M. Kalabis travaille pour la compagnie publique KW « sept heures et demie par jour, cinq jours par semaine, pour 2 900 złotys », soit moins de 700 euros. « Mon salaire a augmenté de 150 złotys[34 euros] en quinze ans. Et encore, je ne suis pas à plaindre. La veuve d’un ami, tué par le coup de grisou de Halemba [23 morts en novembre 2006], a touché six mois d’indemnités, et puis plus rien ! »Il serre ses poings de lutteur : « Dans ma famille, tout le monde était mineur, depuis des générations. Mais je suis le dernier. Ma femme nettoie les WC publics. Un “contrat-poubelle”, 800 złotys[180 euros] par mois à plein temps ! » Les « contrats flexibles » sont en effet surnommés « contrats-poubelle » par ceux qui les subissent.
Contre « un monde de cyclistes et de végétariens »

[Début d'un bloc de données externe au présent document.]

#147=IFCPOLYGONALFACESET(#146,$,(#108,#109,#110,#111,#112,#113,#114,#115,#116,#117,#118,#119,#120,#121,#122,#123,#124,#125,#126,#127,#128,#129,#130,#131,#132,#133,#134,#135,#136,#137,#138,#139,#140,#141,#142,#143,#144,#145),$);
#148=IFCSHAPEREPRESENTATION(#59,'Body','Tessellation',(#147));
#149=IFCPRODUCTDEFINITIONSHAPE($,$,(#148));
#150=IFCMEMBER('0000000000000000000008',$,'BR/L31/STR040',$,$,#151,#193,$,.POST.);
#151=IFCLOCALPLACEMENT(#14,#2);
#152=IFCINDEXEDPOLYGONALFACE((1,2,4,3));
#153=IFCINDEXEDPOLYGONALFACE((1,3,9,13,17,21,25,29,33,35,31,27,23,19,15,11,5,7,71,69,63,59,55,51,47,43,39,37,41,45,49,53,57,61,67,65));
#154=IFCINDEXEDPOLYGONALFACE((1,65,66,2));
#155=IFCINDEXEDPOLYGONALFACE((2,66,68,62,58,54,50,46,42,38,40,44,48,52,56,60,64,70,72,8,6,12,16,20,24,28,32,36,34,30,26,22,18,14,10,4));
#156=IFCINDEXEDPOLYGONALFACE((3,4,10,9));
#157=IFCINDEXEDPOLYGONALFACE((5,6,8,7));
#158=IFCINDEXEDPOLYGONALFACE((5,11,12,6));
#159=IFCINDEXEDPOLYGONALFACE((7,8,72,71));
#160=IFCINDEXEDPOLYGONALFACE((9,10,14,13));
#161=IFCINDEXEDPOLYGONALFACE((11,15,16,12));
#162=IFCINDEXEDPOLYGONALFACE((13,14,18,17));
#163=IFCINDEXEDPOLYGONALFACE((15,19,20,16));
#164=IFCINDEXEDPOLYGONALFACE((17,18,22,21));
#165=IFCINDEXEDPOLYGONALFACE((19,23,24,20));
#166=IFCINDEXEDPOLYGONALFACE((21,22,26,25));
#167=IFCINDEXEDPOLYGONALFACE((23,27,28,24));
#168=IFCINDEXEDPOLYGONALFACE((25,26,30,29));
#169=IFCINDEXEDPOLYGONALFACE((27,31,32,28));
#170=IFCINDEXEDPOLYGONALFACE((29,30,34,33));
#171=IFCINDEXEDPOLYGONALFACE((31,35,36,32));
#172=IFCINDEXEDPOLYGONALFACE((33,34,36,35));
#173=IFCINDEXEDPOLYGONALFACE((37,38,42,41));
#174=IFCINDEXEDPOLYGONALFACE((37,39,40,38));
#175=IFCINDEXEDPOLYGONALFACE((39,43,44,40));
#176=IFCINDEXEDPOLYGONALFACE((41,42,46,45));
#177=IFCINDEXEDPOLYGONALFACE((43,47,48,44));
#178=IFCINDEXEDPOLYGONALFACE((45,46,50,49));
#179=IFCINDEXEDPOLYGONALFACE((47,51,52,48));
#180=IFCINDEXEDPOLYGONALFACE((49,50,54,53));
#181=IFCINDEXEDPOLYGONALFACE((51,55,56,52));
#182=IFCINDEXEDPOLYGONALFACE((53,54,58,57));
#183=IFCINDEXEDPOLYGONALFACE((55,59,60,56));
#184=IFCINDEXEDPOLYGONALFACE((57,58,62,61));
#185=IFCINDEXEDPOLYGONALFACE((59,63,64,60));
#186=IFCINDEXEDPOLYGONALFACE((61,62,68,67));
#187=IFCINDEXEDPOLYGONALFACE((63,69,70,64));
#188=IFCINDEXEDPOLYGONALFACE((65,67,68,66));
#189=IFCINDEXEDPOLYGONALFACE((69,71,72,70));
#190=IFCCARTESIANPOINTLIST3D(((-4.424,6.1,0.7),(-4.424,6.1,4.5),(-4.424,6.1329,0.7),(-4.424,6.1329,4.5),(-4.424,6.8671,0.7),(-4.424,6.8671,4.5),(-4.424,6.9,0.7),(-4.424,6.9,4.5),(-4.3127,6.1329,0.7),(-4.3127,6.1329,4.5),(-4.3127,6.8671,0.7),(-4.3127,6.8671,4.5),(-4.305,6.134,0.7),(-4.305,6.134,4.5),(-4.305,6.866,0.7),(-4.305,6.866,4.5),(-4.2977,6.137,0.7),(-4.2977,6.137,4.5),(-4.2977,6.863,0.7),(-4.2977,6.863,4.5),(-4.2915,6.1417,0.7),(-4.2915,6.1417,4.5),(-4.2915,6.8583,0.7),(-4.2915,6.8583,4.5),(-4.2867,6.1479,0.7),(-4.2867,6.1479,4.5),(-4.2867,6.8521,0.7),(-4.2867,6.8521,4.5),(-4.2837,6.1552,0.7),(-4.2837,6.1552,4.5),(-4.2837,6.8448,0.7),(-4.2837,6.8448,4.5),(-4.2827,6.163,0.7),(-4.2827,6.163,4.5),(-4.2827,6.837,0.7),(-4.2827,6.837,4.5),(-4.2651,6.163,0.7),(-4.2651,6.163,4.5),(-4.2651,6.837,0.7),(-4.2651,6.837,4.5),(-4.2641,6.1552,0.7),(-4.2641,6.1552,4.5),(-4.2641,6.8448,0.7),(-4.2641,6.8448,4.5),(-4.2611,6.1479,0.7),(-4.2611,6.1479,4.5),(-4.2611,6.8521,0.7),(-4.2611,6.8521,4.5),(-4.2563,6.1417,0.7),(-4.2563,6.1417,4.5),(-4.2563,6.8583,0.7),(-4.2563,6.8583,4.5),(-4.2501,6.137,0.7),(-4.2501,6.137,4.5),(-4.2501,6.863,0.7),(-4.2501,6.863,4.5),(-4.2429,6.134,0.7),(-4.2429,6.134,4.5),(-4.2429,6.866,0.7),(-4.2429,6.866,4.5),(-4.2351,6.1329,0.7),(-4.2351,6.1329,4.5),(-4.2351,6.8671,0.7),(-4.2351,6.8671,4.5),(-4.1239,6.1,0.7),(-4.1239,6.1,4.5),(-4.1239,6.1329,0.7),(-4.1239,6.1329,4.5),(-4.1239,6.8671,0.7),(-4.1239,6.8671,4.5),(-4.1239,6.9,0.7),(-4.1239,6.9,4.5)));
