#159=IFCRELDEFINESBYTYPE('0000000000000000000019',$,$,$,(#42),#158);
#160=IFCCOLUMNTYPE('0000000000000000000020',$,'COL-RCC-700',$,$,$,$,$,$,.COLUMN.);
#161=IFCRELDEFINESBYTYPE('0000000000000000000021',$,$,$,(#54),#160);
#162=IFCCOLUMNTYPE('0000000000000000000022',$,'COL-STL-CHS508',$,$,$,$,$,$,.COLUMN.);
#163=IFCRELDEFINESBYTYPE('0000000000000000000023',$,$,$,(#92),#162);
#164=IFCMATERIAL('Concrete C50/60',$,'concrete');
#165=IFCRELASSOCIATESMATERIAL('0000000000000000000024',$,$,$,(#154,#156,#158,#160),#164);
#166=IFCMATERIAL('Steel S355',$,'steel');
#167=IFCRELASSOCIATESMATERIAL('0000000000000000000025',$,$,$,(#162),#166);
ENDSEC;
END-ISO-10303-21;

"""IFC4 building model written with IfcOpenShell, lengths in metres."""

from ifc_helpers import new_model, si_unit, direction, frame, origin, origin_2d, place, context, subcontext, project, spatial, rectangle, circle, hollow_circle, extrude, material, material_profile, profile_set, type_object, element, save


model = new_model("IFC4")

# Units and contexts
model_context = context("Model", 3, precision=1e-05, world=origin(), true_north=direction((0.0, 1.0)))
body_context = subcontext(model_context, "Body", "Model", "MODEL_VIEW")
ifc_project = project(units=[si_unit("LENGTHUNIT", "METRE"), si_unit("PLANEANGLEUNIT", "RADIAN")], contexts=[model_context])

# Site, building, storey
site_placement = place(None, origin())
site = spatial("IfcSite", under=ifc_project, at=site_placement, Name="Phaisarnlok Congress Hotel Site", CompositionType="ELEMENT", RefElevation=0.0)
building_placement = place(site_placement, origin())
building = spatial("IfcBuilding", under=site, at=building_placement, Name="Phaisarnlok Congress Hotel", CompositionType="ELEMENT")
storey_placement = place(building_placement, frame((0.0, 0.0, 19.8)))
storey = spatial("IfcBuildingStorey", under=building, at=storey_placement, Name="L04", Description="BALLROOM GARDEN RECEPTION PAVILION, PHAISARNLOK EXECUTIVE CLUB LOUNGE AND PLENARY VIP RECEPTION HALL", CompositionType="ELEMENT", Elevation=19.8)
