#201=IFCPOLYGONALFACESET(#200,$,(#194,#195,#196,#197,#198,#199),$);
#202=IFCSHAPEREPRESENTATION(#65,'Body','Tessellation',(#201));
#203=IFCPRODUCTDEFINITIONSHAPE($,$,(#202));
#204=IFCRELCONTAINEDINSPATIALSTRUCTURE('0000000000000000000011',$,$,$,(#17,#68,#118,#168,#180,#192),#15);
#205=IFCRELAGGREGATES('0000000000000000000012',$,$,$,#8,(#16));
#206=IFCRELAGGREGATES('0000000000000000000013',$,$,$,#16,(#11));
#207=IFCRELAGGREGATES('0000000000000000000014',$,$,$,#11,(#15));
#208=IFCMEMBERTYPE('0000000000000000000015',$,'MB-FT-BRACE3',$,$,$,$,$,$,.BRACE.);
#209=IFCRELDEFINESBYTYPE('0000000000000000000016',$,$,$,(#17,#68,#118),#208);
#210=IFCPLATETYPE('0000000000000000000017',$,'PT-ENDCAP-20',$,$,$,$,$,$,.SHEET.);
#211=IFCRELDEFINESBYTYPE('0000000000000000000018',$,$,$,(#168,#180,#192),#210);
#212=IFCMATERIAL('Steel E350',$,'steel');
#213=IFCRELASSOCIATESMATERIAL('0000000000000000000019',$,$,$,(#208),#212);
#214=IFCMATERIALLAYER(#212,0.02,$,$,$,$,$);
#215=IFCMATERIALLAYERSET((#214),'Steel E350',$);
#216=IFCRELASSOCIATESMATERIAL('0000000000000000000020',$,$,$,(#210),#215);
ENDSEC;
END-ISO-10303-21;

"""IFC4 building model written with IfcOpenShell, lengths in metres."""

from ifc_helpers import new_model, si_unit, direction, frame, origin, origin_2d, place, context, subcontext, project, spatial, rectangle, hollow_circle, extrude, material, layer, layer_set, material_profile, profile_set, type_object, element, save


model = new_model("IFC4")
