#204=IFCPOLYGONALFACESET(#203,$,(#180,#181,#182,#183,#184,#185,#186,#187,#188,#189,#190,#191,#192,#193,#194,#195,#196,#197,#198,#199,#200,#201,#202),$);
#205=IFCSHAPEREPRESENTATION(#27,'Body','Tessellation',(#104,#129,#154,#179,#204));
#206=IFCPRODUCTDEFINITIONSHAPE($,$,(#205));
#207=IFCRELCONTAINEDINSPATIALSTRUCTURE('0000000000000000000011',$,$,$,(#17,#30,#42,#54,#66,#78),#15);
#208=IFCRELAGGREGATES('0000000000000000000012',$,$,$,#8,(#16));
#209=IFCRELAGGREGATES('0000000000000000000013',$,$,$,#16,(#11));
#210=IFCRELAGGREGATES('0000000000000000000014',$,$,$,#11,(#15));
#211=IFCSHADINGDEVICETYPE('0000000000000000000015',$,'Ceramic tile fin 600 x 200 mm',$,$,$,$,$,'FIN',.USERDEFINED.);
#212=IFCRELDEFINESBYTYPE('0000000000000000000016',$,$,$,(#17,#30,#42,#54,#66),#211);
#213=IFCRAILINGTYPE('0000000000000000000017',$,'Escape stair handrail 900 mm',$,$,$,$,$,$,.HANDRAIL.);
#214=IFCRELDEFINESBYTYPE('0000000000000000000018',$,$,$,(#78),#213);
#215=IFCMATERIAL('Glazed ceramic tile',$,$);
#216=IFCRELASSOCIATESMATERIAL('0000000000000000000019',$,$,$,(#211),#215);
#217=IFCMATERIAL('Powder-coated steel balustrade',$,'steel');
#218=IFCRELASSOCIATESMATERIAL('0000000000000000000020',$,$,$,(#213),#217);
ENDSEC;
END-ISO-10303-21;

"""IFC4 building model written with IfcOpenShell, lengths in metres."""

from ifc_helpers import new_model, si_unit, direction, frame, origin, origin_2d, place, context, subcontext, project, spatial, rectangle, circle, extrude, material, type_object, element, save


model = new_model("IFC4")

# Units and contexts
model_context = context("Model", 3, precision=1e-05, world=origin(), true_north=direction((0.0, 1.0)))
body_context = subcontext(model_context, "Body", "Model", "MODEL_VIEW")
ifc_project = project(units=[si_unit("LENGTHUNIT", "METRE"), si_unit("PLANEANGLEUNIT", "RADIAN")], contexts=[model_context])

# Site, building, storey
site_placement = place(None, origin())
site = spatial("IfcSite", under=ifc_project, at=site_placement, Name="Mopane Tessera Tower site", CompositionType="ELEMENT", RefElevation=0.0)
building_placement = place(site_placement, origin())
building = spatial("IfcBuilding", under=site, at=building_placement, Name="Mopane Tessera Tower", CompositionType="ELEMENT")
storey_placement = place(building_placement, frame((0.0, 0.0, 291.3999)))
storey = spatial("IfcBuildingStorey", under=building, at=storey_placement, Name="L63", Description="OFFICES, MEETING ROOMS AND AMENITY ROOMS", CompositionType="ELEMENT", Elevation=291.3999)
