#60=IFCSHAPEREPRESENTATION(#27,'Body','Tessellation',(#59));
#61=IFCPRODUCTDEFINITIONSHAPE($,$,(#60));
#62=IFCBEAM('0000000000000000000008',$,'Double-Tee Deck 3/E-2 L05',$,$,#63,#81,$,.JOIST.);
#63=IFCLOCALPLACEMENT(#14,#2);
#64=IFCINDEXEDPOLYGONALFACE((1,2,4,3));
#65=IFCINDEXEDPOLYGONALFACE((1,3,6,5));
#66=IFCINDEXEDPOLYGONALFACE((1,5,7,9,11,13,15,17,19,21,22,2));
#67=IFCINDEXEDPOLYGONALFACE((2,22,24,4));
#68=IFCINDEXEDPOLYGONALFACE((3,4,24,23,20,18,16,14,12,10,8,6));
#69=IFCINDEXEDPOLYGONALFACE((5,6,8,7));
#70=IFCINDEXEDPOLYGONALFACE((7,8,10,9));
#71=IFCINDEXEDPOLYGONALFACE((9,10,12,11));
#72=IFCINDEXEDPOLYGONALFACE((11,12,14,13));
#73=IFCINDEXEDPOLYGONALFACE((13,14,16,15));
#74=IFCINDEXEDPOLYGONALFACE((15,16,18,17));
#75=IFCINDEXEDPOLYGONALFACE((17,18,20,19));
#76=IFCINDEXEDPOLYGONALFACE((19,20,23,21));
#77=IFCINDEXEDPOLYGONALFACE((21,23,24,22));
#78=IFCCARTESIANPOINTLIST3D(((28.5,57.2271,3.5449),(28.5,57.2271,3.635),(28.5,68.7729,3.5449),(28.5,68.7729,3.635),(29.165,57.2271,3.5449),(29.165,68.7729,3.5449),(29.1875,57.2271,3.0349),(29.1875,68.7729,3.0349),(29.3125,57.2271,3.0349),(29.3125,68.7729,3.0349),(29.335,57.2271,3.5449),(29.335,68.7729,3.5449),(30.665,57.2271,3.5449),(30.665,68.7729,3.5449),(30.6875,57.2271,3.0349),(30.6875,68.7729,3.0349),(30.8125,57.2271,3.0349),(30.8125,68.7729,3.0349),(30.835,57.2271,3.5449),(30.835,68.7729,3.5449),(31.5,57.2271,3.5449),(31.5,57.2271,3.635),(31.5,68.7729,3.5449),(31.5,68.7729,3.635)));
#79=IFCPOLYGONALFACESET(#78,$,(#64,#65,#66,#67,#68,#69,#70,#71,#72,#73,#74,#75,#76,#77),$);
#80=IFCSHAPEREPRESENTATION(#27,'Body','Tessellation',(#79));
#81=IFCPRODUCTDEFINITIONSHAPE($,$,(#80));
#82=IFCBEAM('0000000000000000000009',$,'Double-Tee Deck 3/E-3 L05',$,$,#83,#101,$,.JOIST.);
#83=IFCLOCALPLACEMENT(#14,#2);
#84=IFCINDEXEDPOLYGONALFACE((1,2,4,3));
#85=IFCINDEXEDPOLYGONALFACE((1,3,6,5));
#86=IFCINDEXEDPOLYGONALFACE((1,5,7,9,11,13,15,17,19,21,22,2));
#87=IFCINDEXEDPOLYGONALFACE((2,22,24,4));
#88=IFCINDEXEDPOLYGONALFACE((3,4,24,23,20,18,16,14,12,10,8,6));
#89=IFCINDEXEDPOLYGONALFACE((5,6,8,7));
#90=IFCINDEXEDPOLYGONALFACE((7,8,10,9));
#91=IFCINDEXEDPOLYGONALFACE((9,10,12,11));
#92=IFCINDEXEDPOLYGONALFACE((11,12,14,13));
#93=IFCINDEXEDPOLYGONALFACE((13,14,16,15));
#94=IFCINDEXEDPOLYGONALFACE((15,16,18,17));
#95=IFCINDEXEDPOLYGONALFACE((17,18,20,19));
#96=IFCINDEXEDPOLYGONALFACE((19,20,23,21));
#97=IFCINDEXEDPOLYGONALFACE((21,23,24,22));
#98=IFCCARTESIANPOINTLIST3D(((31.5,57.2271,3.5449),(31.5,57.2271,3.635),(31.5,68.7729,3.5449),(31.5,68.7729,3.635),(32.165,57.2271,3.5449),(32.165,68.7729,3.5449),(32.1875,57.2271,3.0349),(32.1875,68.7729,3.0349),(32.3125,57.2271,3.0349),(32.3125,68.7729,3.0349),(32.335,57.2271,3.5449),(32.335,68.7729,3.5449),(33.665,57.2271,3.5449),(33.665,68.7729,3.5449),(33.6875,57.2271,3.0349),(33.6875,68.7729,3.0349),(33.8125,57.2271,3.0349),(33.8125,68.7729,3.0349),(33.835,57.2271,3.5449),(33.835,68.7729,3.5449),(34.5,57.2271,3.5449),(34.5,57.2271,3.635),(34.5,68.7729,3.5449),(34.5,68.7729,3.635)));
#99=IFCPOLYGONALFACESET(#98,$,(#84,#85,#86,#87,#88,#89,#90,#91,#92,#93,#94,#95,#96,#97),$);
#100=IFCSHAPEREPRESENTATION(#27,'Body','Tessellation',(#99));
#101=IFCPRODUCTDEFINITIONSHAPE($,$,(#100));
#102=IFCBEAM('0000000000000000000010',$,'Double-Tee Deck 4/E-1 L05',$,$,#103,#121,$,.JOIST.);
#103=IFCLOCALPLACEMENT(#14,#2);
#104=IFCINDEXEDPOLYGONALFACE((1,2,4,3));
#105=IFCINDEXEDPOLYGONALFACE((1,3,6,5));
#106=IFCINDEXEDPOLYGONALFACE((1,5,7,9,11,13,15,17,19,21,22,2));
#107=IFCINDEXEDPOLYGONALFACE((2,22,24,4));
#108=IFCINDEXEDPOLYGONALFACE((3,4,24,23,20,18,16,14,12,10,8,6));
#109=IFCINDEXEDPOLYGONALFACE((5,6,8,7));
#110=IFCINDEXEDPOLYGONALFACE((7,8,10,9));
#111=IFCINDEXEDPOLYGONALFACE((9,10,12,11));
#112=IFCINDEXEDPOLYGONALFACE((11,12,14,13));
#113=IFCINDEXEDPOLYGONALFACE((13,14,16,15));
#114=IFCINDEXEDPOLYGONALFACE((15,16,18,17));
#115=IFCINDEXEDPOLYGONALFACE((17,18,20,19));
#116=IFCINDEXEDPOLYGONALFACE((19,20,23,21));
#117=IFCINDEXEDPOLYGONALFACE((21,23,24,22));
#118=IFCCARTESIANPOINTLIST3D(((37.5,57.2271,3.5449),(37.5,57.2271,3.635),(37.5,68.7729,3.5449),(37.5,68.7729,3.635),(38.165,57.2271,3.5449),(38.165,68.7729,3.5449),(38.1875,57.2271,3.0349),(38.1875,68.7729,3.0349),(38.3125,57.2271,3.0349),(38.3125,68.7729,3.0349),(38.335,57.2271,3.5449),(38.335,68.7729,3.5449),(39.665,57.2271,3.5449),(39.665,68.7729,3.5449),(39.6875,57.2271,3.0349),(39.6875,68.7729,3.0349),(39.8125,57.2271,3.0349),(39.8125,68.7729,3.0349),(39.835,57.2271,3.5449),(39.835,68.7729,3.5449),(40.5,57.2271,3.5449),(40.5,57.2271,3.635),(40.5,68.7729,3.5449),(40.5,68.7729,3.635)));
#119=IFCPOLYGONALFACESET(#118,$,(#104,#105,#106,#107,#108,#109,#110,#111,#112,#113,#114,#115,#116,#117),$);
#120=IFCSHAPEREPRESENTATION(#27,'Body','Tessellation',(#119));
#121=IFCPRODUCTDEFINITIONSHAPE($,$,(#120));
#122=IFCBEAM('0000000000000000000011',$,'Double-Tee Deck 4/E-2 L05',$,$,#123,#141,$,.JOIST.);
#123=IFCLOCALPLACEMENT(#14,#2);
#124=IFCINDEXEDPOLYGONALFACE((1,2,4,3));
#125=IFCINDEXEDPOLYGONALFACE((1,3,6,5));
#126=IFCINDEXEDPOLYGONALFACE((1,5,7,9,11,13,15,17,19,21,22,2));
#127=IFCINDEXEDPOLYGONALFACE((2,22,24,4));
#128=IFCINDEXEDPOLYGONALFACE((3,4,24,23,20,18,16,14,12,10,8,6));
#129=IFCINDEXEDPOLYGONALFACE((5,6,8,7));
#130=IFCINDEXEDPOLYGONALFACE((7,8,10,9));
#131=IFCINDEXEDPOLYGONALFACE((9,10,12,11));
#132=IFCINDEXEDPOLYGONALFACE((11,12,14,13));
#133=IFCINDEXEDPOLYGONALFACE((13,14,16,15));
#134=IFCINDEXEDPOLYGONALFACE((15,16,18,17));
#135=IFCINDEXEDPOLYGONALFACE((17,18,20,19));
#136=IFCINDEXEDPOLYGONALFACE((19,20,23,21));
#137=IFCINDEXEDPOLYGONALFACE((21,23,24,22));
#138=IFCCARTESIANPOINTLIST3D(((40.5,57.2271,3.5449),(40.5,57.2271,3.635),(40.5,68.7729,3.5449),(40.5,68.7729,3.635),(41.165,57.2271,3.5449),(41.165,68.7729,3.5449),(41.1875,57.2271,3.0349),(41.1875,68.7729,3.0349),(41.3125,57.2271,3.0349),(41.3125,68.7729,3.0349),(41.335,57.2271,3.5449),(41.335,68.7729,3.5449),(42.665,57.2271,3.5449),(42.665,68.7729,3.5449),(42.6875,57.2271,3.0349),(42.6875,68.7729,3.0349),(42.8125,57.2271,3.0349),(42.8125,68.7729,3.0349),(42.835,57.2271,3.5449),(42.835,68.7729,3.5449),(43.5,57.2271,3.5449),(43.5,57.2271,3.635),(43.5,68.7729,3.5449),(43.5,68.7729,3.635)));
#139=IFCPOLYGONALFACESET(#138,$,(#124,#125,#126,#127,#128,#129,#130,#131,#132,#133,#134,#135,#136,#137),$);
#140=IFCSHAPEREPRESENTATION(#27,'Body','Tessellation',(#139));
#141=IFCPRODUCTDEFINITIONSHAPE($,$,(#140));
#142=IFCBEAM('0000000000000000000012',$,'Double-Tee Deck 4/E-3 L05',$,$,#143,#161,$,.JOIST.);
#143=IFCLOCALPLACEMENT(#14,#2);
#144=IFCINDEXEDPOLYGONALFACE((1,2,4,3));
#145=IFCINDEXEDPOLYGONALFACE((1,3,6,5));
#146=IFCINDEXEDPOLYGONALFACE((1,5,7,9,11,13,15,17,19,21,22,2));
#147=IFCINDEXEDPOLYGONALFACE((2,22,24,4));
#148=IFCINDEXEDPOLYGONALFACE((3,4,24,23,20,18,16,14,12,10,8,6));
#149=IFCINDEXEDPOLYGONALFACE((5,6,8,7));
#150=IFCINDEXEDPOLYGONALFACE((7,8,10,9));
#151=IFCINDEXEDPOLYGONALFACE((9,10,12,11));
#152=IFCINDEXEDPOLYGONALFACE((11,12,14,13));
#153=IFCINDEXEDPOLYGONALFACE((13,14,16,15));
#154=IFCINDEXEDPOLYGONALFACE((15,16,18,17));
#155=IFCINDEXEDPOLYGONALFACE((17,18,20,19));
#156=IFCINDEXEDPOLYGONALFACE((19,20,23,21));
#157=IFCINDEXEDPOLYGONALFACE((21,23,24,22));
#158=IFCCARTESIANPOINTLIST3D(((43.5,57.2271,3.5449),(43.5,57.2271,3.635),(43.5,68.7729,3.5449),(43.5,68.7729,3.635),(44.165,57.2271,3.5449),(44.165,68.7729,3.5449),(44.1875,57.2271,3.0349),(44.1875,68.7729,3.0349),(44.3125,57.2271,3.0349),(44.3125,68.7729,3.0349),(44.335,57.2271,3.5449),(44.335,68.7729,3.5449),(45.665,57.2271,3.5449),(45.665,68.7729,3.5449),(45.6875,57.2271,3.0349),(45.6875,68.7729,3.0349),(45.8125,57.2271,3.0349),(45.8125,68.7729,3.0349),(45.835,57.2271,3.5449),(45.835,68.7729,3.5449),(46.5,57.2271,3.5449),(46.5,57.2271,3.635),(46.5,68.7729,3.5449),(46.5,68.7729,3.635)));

« C’est dur de trouver un travail fixe, soupire le mineur. Voilà pourquoi les jeunes filent à l’étranger. » Depuis l’entrée du pays dans l’Union européenne, en 2004, au moins deux millions de Polonais ont émigré, notamment au Royaume-Uni. « Mon fils et ma fille rêvent de vivre en Angleterre. Le capitalisme, c’est bien pour ceux qui savent faire du business, pas pour les autres », conclut M. Kalabis en haussant les épaules. Une décoration hétéroclite est punaisée au mur du local syndical : la bannière de Solidarność, les armoiries de la Pologne — un aigle blanc couronné sur fond rouge —, l’inévitable portrait du pape Jean Paul II, la photographie — dédicacée — d’un champion de boxe local et... le calendrier 2016 du parti Droit et justice (Prawo i Sprawiedliwość, PiS).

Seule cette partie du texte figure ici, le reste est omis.